# pcb pier fishing vs st andrews state park



## beach 74 (Jul 9, 2013)

which do you think is better fishing for a rookie? do you have to have a licence for st andrews?


----------



## Dustin Pate (Jul 9, 2013)

Yes you have a license if fishing the park. They both offer challenges and are both great places to fish. For me it depends on what I want to catch and the time of the year. When are you headed that way?


----------



## Russdaddy (Jul 9, 2013)

I prefer St. Andrews. Have had better luck there, but if Spanish are running,  the end of the piers get pretty crowded..


----------



## swalker1517 (Jul 9, 2013)

Russdaddy said:


> I prefer St. Andrews. Have had better luck there, but if Spanish are running,  the end of the piers get pretty crowded..

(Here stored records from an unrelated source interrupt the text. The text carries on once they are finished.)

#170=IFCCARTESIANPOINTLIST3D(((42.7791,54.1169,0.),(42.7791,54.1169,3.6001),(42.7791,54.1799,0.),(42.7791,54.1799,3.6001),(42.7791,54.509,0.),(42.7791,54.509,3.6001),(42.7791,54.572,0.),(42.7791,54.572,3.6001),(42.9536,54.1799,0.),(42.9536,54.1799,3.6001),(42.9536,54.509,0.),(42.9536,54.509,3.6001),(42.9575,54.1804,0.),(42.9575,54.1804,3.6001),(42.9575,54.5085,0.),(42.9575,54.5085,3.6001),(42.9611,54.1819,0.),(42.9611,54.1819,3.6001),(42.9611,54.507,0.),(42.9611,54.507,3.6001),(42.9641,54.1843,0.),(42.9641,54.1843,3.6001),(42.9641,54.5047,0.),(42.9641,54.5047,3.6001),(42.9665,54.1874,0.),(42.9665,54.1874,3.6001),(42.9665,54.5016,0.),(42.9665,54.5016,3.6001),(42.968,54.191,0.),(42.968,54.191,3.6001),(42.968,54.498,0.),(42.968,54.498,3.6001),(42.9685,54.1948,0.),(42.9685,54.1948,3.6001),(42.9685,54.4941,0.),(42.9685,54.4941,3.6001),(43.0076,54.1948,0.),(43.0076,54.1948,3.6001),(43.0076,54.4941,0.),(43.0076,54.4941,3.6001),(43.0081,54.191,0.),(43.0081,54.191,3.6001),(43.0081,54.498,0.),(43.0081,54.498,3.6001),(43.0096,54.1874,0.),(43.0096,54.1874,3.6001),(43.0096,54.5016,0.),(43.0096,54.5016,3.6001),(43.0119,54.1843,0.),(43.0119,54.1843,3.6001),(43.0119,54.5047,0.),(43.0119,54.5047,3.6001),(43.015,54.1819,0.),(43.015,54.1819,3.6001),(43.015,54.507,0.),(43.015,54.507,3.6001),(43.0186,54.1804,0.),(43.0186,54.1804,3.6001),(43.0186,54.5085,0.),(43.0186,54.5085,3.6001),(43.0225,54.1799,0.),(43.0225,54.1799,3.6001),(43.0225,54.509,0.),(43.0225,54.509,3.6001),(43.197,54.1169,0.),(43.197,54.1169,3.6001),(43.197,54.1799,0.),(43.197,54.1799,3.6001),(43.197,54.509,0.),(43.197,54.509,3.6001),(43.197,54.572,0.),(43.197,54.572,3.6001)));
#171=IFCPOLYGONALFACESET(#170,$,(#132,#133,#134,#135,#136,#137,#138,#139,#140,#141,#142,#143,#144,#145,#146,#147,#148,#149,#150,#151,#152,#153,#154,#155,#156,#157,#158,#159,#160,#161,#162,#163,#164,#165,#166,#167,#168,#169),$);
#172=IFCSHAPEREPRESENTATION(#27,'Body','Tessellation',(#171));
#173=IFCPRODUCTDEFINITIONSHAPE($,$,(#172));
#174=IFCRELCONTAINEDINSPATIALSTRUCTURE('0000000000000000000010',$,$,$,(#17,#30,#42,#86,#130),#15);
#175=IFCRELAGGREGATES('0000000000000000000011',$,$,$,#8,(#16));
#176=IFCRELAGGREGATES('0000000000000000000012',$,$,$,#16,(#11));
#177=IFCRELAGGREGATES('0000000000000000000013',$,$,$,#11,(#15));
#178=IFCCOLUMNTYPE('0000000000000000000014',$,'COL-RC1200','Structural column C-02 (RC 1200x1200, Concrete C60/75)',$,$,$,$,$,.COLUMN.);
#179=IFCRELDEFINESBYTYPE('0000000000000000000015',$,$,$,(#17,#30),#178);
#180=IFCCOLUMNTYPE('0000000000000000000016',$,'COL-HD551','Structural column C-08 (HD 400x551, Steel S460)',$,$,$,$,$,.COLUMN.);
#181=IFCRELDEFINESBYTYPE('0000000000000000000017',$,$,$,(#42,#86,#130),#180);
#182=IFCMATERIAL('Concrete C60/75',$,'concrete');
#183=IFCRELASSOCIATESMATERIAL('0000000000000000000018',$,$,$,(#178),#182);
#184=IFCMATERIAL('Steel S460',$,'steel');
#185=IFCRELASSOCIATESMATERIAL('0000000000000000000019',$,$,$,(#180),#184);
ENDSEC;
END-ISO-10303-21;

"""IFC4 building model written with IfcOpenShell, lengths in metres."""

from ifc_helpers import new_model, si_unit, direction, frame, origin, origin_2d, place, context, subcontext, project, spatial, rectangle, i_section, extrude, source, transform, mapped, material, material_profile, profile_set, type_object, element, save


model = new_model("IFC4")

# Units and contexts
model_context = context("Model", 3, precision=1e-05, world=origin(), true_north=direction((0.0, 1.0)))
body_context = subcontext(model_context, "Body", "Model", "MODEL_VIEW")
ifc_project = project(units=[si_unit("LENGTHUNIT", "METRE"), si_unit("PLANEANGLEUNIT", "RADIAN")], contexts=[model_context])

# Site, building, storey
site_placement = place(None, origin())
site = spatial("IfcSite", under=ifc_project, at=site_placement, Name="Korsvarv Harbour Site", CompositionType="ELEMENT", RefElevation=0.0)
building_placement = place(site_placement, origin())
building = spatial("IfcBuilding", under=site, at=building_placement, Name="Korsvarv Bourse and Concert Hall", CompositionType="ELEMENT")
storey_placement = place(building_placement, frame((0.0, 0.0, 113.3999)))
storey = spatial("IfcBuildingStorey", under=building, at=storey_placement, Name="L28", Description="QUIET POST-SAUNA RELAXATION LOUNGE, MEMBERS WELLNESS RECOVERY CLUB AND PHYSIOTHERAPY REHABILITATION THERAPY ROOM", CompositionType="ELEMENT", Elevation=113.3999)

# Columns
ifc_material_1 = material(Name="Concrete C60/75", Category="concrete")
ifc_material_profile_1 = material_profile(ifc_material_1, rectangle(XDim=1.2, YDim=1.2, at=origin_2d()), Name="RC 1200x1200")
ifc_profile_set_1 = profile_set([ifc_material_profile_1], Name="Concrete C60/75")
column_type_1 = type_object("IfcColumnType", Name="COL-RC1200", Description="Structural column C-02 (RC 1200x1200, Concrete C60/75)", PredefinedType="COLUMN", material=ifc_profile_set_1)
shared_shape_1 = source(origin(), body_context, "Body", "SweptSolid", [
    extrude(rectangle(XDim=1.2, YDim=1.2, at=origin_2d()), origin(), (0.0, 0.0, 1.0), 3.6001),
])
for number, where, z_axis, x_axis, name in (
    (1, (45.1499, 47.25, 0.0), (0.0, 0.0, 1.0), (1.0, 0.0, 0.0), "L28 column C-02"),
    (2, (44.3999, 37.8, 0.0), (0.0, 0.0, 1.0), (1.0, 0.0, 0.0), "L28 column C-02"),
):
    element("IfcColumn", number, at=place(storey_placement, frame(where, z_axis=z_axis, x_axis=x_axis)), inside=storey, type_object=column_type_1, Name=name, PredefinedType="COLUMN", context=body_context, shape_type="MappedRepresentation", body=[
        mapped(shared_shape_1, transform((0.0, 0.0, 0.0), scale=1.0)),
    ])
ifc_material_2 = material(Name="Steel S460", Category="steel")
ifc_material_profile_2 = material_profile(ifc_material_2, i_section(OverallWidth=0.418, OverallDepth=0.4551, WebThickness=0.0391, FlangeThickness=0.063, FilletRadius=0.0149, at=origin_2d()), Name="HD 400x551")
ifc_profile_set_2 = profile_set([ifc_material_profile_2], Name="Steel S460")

Same here. I've seen the jetties get packed when the Spanish are running. I'm talking standing shoulder to shoulder and still catching a limit. In general, the crowds will be bigger on the pier whether anything is running or not. IMO the fishing is better in the park on the jetties. You just can't be scared of getting wet.


----------



## REDFOXJR (Jul 10, 2013)

you can catch some nice reds on the rocks in st. Andrews.


----------



## Paymaster (Jul 11, 2013)

I like St. Andrews myself.


----------



## Grunt-n-bleat (Jul 11, 2013)

St Andrews gets my vote. Each cast can be a different kind of fish.


----------



## p&y finally (Jul 13, 2013)

Just got back from PCB today and fished St. Andrews pier everyday this week except Monday (jetties that day). Had a GREAT time Tuesday and Wednesday. Caught 15-20 Spanish Makeral, BUNCH of Bluefish, 5-6 Ladyfish, few Spadefish and a few funky things I had no idea about. Also got cut off by Kings a few times. Thursday we had bad weather and the fish just shut off. Yesterday I only managed a Ladyfish, 1 Spanish and 1 Bluefish. 
Take PLENTY of Gotchas and bubble rigs!

Good luck


----------



## REDFOXJR (Jul 14, 2013)

p&y, would you be so nice n kind sir to enlighten me on a gotcha and a bubble rig? we normally use live shrimp and squid.


----------



## Russdaddy (Jul 15, 2013)

REDFOXJR said:


> p&y, would you be so nice n kind sir to enlighten me on a gotcha and a bubble rig? we normally use live shrimp and squid.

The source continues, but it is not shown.